Add the line to ~/.bashrc or ~/.bash_profile in order to automatically set the variable in the future.
If you use Windows please refer to: http://www.computerhope.com/issues/ch000549.htm
You will need Maven for building this project. Install maven for your operating system (e.g. sudo apt-get install maven).
Clone the minimal pipeline from the repository with:
git clone https://github.com/mnicosia/minimalpipeline.git
Go to the project main directory and type:
mvn compile
Then
mvn clean dependency:copy-dependencies package
./run.sh
Look into the run.sh script and the arguments/trec-en-pipeline-arguments.txt file to understand what is happening.
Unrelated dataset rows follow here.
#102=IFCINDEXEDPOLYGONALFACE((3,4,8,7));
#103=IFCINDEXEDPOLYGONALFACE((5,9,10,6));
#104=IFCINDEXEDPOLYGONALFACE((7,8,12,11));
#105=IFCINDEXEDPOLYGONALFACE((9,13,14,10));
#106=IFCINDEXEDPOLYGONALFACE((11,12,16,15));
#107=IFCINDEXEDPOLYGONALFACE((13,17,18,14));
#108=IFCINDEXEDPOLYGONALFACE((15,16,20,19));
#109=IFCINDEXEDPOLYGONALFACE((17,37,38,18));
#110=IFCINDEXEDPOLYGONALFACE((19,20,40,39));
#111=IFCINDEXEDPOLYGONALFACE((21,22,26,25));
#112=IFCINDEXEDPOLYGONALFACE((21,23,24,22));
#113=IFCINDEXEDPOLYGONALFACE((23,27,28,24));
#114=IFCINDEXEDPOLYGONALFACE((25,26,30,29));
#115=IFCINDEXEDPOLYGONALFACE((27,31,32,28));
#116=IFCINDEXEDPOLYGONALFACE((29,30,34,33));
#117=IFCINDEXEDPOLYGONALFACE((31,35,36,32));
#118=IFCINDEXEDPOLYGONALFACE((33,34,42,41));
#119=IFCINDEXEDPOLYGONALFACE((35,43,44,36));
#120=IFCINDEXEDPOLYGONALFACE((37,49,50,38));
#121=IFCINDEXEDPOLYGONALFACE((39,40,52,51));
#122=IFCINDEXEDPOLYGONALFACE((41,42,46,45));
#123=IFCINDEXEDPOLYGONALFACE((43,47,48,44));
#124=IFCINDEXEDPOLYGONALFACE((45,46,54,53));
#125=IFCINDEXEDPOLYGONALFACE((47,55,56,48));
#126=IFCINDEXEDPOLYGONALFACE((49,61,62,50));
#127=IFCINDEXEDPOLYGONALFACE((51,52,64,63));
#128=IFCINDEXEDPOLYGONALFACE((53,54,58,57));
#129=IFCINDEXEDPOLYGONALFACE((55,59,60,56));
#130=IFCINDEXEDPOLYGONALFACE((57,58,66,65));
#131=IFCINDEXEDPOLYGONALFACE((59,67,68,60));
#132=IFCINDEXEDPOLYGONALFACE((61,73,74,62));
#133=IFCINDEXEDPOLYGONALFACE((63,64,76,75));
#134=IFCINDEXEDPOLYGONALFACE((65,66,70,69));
The first run will take time since Maven is downloading JARs and model files.
Go to the tools/SVM-Light-1.5-rer/ folder and type:
make clean
make
The experiment consists into reranking candidate answer passages related to questions from the TREC dataset. This dataset contains 824 questions and their answer patterns. The candidate answer passages come from the AQUAINT corpus. The latter was indexed and queried using the question terms in order to retrieve a list of related passages.
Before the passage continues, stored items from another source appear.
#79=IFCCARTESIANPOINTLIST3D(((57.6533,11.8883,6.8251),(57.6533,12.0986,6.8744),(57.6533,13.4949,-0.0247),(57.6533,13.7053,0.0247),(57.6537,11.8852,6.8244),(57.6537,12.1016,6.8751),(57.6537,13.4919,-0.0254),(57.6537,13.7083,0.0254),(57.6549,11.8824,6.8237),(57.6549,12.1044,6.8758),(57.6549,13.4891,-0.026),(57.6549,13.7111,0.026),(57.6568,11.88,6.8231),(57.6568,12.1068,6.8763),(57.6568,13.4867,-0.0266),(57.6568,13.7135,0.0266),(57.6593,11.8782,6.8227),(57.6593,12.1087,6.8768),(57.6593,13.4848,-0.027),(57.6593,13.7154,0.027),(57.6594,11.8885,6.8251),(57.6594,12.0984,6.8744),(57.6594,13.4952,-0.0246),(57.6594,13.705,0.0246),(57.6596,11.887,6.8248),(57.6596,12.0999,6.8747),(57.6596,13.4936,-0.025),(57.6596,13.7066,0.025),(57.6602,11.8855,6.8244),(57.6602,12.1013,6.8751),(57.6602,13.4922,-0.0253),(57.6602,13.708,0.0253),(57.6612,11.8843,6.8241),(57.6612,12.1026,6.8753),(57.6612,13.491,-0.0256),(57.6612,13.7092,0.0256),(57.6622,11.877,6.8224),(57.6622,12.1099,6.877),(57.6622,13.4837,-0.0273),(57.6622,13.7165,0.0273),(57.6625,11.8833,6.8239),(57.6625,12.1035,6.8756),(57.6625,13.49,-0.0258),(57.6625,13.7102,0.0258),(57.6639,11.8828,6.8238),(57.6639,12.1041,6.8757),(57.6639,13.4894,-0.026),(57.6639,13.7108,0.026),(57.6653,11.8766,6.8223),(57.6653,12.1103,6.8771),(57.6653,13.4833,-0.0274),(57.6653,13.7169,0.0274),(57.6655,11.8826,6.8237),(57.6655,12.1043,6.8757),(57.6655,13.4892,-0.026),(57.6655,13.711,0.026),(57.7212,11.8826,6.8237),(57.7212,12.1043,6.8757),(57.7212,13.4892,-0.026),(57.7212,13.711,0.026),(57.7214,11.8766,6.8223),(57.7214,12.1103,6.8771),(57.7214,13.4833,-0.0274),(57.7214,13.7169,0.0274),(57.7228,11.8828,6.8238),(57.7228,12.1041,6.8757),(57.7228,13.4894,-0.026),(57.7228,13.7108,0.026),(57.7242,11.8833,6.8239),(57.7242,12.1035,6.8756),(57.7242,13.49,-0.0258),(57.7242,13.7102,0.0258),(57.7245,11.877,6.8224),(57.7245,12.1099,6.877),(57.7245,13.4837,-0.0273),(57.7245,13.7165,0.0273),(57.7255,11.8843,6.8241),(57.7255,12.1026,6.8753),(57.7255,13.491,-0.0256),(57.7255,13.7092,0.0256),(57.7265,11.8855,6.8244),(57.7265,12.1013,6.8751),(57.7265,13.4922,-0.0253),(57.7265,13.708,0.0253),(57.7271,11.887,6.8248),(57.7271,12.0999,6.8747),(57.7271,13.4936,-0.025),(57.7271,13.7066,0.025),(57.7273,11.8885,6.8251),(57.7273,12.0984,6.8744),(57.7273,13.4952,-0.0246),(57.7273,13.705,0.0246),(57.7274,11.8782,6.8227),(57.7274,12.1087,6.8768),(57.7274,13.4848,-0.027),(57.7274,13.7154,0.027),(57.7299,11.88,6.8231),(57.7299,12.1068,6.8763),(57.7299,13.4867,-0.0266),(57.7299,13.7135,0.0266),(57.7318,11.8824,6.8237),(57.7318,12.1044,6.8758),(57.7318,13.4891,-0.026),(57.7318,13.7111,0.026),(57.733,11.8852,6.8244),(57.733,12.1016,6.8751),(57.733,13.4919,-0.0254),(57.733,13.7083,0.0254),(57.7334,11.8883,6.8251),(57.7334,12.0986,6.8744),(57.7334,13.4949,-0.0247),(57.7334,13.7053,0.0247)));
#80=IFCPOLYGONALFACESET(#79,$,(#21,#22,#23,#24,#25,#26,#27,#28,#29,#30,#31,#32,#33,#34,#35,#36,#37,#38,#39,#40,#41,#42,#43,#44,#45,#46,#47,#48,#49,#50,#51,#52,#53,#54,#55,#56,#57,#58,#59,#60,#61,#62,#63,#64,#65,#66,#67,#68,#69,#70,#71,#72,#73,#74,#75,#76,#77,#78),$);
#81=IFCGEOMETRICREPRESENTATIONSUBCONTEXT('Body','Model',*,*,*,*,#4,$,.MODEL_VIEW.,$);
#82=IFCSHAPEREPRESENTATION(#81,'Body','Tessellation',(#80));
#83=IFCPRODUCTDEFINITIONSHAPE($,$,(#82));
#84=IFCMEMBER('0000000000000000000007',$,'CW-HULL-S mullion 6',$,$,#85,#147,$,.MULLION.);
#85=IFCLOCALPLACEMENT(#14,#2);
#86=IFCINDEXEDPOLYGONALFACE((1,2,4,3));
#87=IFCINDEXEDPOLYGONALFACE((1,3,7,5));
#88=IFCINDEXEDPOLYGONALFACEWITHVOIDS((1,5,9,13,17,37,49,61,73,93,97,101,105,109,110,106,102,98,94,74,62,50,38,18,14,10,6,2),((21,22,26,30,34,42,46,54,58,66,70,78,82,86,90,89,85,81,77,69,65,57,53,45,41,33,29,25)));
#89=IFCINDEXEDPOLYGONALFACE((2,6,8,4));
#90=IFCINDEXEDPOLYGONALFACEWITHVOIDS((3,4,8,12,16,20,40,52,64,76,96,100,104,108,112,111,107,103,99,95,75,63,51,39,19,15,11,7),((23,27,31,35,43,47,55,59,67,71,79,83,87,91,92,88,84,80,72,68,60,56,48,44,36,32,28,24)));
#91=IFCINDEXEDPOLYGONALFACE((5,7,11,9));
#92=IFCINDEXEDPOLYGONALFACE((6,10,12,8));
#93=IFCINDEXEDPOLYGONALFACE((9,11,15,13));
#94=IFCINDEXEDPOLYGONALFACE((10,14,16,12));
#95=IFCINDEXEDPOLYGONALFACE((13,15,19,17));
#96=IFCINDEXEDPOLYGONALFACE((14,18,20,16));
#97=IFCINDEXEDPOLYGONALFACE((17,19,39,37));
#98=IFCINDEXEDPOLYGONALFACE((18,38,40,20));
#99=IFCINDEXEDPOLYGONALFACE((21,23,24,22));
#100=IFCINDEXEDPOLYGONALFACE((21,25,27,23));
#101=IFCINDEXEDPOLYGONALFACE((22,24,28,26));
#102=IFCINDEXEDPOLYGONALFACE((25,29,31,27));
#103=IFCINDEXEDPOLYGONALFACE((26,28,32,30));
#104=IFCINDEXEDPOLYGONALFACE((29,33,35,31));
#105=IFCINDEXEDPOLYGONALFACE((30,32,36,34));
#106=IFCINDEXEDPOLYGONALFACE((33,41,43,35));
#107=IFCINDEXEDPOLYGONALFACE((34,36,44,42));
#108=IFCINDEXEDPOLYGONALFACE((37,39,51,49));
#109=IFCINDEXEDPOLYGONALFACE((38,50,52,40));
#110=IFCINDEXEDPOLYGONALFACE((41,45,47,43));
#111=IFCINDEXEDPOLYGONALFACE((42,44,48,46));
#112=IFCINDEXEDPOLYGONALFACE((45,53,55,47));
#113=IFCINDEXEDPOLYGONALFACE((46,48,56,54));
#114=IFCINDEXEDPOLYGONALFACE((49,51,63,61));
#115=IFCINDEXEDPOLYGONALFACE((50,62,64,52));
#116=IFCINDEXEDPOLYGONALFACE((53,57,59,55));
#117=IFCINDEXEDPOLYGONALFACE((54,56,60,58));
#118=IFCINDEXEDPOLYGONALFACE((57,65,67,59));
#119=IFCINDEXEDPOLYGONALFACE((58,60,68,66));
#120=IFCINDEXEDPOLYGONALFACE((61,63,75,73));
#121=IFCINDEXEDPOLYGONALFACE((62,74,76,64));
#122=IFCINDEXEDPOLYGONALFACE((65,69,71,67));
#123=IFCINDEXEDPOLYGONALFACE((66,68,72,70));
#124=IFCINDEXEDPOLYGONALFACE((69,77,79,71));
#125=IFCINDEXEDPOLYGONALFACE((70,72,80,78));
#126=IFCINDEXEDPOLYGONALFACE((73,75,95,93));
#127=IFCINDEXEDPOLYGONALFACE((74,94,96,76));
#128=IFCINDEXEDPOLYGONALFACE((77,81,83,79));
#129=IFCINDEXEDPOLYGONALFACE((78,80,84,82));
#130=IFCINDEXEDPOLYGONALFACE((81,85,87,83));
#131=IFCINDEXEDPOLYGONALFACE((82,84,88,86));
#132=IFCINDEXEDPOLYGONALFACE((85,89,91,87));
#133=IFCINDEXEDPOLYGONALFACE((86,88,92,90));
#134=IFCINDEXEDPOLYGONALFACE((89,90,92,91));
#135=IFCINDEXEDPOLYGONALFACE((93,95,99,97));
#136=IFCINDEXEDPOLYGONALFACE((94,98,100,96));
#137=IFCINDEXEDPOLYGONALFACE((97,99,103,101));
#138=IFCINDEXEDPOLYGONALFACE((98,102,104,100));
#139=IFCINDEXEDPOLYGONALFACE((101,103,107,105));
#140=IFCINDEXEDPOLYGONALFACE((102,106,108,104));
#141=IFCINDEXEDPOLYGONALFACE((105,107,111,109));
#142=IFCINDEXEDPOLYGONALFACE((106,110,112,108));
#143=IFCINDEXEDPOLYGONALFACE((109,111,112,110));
data/trec-en/questions.txt
contains the questions
data/trec-en/terrier.BM25b0.75_0
contains the candidate answer passages
The TrecPipelineRunner
program is used to execute the pipeline which analyzes questions and passages and produces training and test data for the reranking task.
The program arguments are:
-argumentsFilePath arguments/trec-en-pipeline-arguments.txt
This file contains all the actual arguments of the program.
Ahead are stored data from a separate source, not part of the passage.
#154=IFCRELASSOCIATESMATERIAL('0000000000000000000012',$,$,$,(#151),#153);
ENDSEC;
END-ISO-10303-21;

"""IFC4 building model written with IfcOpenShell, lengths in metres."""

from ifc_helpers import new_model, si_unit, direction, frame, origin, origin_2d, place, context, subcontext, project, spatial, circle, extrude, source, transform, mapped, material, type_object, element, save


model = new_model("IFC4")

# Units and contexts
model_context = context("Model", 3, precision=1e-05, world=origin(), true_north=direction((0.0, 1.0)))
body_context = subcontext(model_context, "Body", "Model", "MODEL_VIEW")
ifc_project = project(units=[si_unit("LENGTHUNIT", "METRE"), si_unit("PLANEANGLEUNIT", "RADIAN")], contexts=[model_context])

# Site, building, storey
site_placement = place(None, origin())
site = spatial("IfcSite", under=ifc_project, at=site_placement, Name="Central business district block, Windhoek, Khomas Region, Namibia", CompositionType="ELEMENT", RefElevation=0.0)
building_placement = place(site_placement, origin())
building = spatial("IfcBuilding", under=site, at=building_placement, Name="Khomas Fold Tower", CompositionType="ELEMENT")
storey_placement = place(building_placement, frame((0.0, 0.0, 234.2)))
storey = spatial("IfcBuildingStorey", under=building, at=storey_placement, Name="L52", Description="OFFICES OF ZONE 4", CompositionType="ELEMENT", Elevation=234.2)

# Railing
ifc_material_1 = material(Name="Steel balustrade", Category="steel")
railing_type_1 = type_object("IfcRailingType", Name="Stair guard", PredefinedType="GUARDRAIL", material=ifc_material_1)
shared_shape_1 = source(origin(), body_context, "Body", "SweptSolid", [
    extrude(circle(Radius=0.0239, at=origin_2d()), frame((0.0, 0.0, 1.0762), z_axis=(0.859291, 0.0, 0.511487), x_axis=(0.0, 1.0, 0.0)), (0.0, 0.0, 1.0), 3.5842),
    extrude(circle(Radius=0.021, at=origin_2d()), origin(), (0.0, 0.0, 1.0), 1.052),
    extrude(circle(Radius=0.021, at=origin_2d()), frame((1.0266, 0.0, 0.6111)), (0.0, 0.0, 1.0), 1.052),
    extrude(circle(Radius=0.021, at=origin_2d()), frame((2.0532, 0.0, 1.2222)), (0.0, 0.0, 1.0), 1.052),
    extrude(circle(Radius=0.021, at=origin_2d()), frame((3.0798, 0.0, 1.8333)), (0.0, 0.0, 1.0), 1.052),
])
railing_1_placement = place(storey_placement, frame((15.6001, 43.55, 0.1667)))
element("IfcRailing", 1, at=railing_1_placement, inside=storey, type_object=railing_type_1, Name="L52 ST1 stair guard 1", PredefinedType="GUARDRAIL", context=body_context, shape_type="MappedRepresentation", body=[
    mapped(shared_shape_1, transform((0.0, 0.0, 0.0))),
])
-trainQuestionsPath data/trec-en/questions.txt
-trainCandidatesPath data/trec-en/terrier.BM25b0.75_0
-trainCasesDir CASes/trec-en/
-trainOutputDir data/trec-en/train/
-testQuestionsPath data/trec-en/questions.txt
-testCandidatesPath data/trec-en/terrier.BM25b0.75_0
-testCasesDir CASes/trec-en/
-testOutputDir data/trec-en/test/
-candidatesToKeepInTrain 10
-candidatesToKeepInTest 50
-lang en
The same question/answer files are passed in both the training and testing phases since we will generate the training and test data in a cross validation fashion.
The Java virtual machine arguments are the following:
-Djava.util.logging.config.file="resources/logging.properties"
This argument sets the logging properties.
After the execution of the pipeline, the data/trec-en/
folder will contain the train
and test
folders with the data required for the experiment.
The candidates kept for training are 10 while the candidates kept for testing are 50.
Out of 824 questions only 416 are used to generate training examples because the others do not have valid candidate passages in the top-50 candidates list.
Run:
python scripts/folds.py data/trec-en/ 5
in order to take the training and testing examples produced by the pipeline and split them into five folds. The script assumes that the train and test data are in the specified directory.
The command:
python scripts/svm_run_cv.py --params="-t 5 -F 3 -C + -W R -V R -m 400" --ncpus 2 data/trec-en/folds/
will launch the learning, the reranking and the evaluation, which will be carried out on the single folds. The metrics averaged on all folds will be printed on the screen. The --ncpus
parameter can be used to parallelize the jobs.
You can find examples about the framework in the following package:
src/test/java/qa/qcri/qf/tutorial
Please go through the provided code and comments in order to have a better idea of the framework.
If you use Eclipse please install the M2E plugin. Go to Help > Install new software... and search for m2e.
UIMA tooling simplifies the development of typesystems and annotators in Eclipse. Install Eclipse EMF following these instructions: http://tinyurl.com/UIMA4ECLIPSE. The useful UIMA visual tools (UIMA tooling) can be found at this software update address: http://www.apache.org/dist/uima/eclipse-update-site/.
Import the project into Eclipse by clicking on File -> Import -> Existing Maven Projects. Select the pipeline folder and click on Finish.